Dear Dr. Date,
I’ve just started getting serious with my casual hookup, and I’m starting to realize I don’t know that much about him. For example, the other day … he tinkled on me in the shower. When I freaked out, he started laughing and said it was a joke. How do I know he was just messing around (still, ew) and that he isn’t into peeing on chicks?
—Tinkle Tinkle Little Star
You know what they say, Tink: grains of truth in every jest. He may very well be into peeing on girls. Your safest recourse in this case is to do something equally weird and play the “just kidding” card — how he responds will let you know if he’s really a jester or just a urine-obsessed joke.
Dear Dr. Date,
I was with a guy since high school until we broke up last week. The spark was just gone. We’re both growing up and realizing that our high school lovin’ doesn’t work in the whole wide world of college handys, hookups and hangovers.
Anyway, we broke up and were on pretty good terms until I saw him at a bar with another girl. His girlfriend. Three weeks after our five-year relationship ended. How? How does that happen? Does that mean our five years meant nothing to him? I totally get rebound hookups, but being exclusive with someone else is a whole other thing. How do I get over this? I thought I already was over him, but now I’m wondering if I am and if he was ever into me in the first place …
A man doesn’t date a woman for five years if he’s not into her.
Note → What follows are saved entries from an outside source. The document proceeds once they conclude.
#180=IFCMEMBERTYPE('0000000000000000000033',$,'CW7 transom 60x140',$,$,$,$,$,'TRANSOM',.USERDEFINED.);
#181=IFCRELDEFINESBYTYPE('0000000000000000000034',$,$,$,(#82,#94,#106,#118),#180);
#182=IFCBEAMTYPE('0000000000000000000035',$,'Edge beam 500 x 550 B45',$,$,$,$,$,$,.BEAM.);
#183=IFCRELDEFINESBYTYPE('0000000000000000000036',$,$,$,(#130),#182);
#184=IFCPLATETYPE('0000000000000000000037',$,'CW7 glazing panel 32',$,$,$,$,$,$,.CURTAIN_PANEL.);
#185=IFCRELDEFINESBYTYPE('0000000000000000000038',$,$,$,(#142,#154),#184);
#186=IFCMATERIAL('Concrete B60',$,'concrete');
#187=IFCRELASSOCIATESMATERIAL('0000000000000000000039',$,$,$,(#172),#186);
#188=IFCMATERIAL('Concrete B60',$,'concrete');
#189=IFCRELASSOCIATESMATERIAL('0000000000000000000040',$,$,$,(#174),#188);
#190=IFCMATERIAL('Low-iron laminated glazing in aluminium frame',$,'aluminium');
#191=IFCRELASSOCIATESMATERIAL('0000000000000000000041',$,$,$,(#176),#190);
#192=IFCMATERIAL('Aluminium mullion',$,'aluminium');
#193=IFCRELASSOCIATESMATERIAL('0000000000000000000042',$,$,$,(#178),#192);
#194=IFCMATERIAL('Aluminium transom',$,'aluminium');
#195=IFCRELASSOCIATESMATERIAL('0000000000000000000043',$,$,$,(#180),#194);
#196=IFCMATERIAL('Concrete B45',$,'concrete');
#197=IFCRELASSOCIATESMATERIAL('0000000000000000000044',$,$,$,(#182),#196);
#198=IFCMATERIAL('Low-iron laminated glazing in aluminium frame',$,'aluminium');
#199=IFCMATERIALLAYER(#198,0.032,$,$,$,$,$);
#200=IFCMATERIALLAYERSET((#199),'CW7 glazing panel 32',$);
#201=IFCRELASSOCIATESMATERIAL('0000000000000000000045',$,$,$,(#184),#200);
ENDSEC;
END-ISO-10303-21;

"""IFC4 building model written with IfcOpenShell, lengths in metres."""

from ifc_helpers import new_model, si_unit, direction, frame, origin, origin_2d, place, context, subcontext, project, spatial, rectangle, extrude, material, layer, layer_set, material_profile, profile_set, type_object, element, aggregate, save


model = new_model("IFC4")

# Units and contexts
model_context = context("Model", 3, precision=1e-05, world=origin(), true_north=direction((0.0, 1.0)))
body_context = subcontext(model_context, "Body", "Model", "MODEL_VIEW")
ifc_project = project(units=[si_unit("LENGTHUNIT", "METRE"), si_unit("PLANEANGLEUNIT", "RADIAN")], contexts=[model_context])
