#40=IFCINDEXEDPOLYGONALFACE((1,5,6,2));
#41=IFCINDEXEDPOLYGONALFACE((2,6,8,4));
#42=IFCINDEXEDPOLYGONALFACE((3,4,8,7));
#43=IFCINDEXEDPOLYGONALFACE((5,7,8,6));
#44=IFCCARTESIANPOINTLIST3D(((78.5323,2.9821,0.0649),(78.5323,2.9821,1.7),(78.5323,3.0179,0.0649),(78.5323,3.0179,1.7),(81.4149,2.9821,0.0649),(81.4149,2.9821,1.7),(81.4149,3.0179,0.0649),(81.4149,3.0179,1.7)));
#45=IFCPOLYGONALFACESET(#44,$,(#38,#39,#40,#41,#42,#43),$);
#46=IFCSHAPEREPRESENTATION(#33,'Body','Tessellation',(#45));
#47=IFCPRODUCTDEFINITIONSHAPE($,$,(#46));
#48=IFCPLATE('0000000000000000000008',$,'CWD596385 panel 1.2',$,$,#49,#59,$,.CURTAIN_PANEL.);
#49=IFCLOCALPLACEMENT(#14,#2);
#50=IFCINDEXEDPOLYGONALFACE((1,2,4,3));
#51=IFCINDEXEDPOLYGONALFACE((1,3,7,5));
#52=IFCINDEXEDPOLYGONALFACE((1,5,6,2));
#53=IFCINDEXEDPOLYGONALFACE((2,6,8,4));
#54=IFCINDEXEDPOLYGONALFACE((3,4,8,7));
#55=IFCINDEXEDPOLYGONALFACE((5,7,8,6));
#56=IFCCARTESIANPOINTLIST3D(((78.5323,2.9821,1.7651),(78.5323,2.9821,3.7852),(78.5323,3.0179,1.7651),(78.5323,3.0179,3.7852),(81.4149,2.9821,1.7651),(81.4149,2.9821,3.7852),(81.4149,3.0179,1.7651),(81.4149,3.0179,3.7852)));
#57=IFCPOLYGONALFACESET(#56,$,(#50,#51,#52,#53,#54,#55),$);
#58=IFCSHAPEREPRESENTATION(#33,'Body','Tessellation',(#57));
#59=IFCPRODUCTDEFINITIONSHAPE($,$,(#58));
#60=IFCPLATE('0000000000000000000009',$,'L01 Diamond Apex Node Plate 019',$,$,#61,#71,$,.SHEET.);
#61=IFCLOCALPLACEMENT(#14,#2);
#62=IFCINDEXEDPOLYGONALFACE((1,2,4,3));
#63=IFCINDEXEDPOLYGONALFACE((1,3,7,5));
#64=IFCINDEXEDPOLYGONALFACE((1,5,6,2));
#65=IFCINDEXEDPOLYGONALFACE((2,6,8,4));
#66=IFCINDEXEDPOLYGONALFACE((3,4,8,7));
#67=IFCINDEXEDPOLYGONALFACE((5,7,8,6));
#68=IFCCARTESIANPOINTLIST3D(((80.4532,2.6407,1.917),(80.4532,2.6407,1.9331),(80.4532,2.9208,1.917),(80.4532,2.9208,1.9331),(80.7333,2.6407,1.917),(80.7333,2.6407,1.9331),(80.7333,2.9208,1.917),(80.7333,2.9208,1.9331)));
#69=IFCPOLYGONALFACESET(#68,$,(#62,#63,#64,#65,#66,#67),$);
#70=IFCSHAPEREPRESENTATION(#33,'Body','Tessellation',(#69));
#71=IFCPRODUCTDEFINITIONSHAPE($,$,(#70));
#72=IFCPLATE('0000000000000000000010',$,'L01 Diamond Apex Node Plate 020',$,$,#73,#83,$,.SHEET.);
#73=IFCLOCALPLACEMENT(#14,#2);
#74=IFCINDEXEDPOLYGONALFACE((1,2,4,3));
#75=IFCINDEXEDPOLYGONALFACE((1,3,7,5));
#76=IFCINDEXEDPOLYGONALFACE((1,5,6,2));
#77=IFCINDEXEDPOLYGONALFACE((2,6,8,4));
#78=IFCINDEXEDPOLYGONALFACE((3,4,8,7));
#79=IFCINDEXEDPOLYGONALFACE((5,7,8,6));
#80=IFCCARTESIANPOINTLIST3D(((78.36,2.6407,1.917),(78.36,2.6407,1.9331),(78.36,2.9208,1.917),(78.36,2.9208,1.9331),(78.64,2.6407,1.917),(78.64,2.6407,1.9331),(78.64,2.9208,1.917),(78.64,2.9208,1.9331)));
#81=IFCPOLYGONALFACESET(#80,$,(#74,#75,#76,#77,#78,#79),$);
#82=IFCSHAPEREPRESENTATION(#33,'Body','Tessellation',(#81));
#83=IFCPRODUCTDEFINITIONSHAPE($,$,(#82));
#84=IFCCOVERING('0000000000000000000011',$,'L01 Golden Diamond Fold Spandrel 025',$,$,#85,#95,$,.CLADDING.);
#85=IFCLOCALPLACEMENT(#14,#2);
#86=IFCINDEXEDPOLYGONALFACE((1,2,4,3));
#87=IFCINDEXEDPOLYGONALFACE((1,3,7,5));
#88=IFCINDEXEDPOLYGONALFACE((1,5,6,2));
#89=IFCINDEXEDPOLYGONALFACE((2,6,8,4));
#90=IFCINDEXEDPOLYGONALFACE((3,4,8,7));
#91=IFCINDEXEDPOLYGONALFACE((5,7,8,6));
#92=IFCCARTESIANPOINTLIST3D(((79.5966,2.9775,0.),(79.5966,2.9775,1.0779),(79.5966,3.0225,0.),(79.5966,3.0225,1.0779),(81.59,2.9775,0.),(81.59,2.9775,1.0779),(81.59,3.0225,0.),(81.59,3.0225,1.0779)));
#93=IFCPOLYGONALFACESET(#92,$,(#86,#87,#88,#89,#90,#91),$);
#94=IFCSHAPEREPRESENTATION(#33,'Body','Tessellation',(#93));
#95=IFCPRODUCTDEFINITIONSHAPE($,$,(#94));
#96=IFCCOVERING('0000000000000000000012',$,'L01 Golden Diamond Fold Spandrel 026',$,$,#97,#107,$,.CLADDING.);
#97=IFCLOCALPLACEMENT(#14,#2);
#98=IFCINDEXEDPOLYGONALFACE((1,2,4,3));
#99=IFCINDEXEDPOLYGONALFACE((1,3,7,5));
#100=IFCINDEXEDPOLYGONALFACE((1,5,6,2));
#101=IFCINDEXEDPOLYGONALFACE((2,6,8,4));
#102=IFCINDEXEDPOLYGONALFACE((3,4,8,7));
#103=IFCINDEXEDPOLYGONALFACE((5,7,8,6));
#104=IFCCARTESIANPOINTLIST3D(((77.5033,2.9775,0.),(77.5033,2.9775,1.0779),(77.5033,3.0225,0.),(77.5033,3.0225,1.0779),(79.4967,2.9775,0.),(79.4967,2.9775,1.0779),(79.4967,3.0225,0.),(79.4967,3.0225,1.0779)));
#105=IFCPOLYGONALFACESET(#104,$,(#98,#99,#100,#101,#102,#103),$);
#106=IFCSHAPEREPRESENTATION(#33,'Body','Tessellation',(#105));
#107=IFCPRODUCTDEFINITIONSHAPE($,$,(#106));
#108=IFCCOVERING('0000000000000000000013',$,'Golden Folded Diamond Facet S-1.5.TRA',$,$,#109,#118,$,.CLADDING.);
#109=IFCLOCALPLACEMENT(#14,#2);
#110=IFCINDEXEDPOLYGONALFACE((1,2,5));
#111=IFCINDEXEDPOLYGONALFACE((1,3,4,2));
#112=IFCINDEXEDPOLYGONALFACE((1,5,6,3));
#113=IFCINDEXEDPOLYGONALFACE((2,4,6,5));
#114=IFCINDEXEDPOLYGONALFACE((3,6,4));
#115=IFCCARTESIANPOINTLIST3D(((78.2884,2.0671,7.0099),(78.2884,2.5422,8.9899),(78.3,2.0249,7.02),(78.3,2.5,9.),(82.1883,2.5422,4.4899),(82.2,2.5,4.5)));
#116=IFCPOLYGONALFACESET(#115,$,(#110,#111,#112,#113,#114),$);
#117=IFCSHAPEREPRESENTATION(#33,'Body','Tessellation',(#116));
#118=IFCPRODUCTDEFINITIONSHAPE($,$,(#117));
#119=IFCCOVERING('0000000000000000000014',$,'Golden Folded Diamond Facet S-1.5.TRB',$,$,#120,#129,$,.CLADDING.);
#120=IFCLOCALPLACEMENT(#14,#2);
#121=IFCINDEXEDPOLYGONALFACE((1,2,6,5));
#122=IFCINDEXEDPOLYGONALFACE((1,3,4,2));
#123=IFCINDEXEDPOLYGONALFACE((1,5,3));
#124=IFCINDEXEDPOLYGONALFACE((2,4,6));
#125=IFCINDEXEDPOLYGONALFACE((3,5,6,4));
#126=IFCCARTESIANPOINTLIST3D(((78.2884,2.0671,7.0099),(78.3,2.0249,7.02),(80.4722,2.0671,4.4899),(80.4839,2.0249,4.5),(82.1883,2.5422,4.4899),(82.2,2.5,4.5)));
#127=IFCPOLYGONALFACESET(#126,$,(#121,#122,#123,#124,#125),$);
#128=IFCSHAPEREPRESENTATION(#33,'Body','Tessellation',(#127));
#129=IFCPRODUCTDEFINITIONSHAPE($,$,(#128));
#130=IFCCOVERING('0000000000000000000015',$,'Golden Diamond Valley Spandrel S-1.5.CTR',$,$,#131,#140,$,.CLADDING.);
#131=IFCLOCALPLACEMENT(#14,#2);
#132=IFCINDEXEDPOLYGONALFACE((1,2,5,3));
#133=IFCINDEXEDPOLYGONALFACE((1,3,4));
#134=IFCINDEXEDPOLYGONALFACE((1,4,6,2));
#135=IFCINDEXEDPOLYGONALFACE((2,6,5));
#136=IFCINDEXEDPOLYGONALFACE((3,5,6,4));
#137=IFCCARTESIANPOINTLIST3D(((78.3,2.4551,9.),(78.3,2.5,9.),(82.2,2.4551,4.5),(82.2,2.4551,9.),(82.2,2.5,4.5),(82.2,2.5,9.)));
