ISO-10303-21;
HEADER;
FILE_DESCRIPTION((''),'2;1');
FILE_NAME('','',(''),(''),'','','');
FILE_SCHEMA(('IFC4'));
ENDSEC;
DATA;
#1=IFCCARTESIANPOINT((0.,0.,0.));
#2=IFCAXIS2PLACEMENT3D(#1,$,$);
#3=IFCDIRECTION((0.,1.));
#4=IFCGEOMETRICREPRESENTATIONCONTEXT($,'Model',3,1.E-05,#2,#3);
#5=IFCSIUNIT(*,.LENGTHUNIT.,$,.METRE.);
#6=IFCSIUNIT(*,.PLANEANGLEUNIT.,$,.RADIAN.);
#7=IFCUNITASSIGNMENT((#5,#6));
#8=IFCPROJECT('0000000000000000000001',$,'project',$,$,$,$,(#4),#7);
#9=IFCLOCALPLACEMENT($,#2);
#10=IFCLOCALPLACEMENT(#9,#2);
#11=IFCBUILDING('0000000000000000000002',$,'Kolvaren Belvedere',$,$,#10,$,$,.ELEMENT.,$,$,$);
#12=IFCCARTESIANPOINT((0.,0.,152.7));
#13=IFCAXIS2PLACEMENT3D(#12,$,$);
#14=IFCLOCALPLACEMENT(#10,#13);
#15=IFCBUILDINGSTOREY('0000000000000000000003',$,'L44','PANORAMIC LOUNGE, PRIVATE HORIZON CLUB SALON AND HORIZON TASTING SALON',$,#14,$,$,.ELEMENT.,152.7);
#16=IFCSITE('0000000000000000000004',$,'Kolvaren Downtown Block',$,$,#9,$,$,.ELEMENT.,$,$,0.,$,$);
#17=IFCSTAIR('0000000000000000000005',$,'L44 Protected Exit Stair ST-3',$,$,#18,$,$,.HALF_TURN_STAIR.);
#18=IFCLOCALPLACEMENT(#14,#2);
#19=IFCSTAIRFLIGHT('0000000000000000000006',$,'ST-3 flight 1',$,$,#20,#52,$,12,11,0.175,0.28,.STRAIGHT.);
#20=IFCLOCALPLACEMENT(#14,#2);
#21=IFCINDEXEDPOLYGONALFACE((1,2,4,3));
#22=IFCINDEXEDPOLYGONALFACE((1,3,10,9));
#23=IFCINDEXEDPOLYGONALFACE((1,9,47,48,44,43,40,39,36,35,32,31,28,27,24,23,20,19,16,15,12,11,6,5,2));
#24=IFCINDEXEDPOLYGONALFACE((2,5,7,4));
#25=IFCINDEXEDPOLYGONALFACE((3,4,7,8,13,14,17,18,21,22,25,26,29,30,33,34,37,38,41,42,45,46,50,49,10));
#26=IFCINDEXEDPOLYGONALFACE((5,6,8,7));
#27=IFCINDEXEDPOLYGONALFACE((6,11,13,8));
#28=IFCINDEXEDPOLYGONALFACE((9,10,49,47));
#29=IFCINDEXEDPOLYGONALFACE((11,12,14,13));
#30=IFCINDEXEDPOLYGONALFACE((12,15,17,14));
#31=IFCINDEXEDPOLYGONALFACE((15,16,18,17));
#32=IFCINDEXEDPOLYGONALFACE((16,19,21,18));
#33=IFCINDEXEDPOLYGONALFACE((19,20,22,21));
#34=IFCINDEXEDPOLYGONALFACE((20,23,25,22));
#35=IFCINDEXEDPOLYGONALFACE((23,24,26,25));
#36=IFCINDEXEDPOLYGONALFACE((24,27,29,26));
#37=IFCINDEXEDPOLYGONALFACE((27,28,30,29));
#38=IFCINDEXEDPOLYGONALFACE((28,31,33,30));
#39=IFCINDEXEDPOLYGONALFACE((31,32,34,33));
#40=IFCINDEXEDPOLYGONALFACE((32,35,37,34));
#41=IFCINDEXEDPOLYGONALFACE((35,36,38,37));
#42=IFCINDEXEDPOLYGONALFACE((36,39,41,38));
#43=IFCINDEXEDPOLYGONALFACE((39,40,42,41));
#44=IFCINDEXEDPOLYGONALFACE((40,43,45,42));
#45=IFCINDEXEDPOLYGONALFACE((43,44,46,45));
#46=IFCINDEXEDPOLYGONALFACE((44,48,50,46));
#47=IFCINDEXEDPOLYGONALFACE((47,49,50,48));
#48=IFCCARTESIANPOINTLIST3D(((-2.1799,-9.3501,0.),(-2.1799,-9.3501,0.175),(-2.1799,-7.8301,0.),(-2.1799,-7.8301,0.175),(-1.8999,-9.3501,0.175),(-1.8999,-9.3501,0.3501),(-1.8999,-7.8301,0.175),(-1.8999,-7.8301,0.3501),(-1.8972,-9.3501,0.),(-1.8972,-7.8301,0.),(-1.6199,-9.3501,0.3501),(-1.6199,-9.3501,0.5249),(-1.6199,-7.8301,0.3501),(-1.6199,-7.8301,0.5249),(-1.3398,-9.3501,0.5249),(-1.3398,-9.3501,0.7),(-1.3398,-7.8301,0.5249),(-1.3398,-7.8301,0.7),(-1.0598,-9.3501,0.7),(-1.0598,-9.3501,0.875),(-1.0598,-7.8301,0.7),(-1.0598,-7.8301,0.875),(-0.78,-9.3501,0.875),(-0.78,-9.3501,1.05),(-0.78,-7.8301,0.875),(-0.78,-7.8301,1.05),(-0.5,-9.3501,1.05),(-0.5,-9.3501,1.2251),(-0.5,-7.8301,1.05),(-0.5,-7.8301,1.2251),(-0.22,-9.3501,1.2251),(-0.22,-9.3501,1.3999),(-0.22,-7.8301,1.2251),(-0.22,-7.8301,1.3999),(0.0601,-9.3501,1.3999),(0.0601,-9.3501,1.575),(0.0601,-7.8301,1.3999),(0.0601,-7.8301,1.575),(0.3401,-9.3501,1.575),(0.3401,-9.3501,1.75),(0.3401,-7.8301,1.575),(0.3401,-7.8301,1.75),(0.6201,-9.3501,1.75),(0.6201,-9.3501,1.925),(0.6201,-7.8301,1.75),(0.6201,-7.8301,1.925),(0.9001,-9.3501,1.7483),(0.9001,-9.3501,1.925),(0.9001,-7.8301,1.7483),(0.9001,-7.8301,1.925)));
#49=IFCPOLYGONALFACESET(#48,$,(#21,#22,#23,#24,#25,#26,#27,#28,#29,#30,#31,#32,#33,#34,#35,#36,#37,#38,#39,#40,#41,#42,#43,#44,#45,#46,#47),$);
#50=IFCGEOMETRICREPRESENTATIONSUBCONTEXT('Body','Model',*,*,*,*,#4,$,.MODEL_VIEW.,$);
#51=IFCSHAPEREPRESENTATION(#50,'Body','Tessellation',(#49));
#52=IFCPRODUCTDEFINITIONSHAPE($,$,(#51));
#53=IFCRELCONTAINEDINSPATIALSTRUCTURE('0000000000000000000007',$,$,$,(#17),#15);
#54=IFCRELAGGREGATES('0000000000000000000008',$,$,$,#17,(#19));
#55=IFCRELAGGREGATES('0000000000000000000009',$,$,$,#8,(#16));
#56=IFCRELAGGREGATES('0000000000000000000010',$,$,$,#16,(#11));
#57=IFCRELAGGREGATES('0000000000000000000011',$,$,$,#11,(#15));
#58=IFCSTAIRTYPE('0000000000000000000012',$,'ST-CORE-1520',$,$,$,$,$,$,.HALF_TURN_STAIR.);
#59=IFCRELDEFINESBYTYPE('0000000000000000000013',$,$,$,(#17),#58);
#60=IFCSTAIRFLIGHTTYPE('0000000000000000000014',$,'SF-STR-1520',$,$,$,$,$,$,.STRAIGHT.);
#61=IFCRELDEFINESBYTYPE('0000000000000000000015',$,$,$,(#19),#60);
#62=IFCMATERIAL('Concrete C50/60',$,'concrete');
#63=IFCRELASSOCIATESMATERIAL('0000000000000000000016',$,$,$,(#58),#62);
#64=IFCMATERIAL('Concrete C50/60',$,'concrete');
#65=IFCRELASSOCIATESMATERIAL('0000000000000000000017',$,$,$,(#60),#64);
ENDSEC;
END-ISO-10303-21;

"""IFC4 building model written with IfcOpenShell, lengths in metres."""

from ifc_helpers import new_model, si_unit, direction, frame, origin, place, context, subcontext, project, spatial, polyline, outline, extrude, material, type_object, element, aggregate, save


model = new_model("IFC4")

# Units and contexts
model_context = context("Model", 3, precision=1e-05, world=origin(), true_north=direction((0.0, 1.0)))
body_context = subcontext(model_context, "Body", "Model", "MODEL_VIEW")
ifc_project = project(units=[si_unit("LENGTHUNIT", "METRE"), si_unit("PLANEANGLEUNIT", "RADIAN")], contexts=[model_context])

# Site, building, storey
site_placement = place(None, origin())
site = spatial("IfcSite", under=ifc_project, at=site_placement, Name="Kolvaren Downtown Block", CompositionType="ELEMENT", RefElevation=0.0)
building_placement = place(site_placement, origin())
building = spatial("IfcBuilding", under=site, at=building_placement, Name="Kolvaren Belvedere", CompositionType="ELEMENT")
storey_placement = place(building_placement, frame((0.0, 0.0, 152.7)))
storey = spatial("IfcBuildingStorey", under=building, at=storey_placement, Name="L44", Description="PANORAMIC LOUNGE, PRIVATE HORIZON CLUB SALON AND HORIZON TASTING SALON", CompositionType="ELEMENT", Elevation=152.7)

# Stair, stair flight
ifc_material_1 = material(Name="Concrete C50/60", Category="concrete")
stair_type = type_object("IfcStairType", Name="ST-CORE-1520", PredefinedType="HALF_TURN_STAIR", material=ifc_material_1)
stair_placement = place(storey_placement, origin())
stair = element("IfcStair", 1, at=stair_placement, inside=storey, type_object=stair_type, Name="L44 Protected Exit Stair ST-3", PredefinedType="HALF_TURN_STAIR")
ifc_material_2 = material(Name="Concrete C50/60", Category="concrete")
stair_flight_type = type_object("IfcStairFlightType", Name="SF-STR-1520", PredefinedType="STRAIGHT", material=ifc_material_2)
stair_flight_placement = place(storey_placement, frame((-2.1799, -8.5901, 0.0), z_axis=(0.0, 0.0, 1.0), x_axis=(1.0, 0.0, 0.0)))
stair_flight = element("IfcStairFlight", 2, at=stair_flight_placement, type_object=stair_flight_type, Name="ST-3 flight 1", NumberOfRisers=12, NumberOfTreads=11, PredefinedType="STRAIGHT", RiserHeight=0.175, TreadLength=0.28, context=body_context, shape_type="SweptSolid", body=[
    extrude(outline(polyline([(0.0, 0.0), (0.0, 0.175), (0.28, 0.175), (0.28, 0.3501), (0.5601, 0.3501), (0.5601, 0.5249), (0.8401, 0.5249), (0.8401, 0.7), (1.1201, 0.7), (1.1201, 0.875), (1.3999, 0.875), (1.3999, 1.05), (1.6799, 1.05), (1.6799, 1.2251), (1.96, 1.2251), (1.96, 1.3999), (2.24, 1.3999), (2.24, 1.575), (2.52, 1.575), (2.52, 1.75), (2.8, 1.75), (2.8, 1.925), (3.0801, 1.925), (3.0801, 2.1001), (3.0801, 1.7483), (0.2827, 0.0), (0.0, 0.0)])), frame((0.0, 0.76, 0.0), z_axis=(0.0, -1.0, 0.0), x_axis=(1.0, 0.0, 0.0)), (0.0, 0.0, 1.0), 1.52),
])
aggregate(stair, [stair_flight])

save(model, "model.ifc")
Marnie, he loved you.
One of the hardest things about breaking up is maintaining respect for your former relationship — it’s easy to say things like, “Yo, eff that guy” and, “What a mistake” and, “I hate myself for letting that happen.” The thing to remember is that our relationships contribute to making us who we are, for better or for worse.
By getting with another girl, he isn’t necessarily disrespecting the memory of your relationship, which is what you care about, right? I’m sure if someone impartial asked him about you today, he might have a few negative things to say, but if they checked back with him in two years or so, he’d be brimming with sweet anecdotes about his lovely high school girlfriend.
Your five years meant a lot to him — five years is a long time. Five years doing anything means a lot.
You are over him. Don’t let yourself not be over him just because you’re feeling insecure about how he feels about your relationship.
Girl, be steadfast in your over-him-ness. He’s got a new girlfriend. Who knows why? He might be doing this just to make you jealous, and you’re falling right into that trap. Think about what would happen if you made a stink about this — worst case, you have to get back together; best case, he hates you.
Move on, Marnie girl. Go eat a cupcake with Hannah or something.
Dear Dr. Date,
I met a guy at Pride this weekend. I have his contact info and got the sense that he was into me too. But looking back on it, I’m nervous about whether the spark was real, or whether it was more fueled by the glitter, booze and Kelly Rowland. I can’t get a read on him from his texts but don’t want to make a big deal about it because it’s so soon. How can I tell if this guy can be my Soldier, or if I should just stay an Independent Man?
How about you meet up with him in person? Everyone has a different texting style, so it’s hard to read what people mean. But when there’s a face in front of you, you’ll be able to pick up on little hints real quick. You may even discover if he shares your taste in music, and you guys can sit around listening to Destiny’s Child all day. Sounds perfect.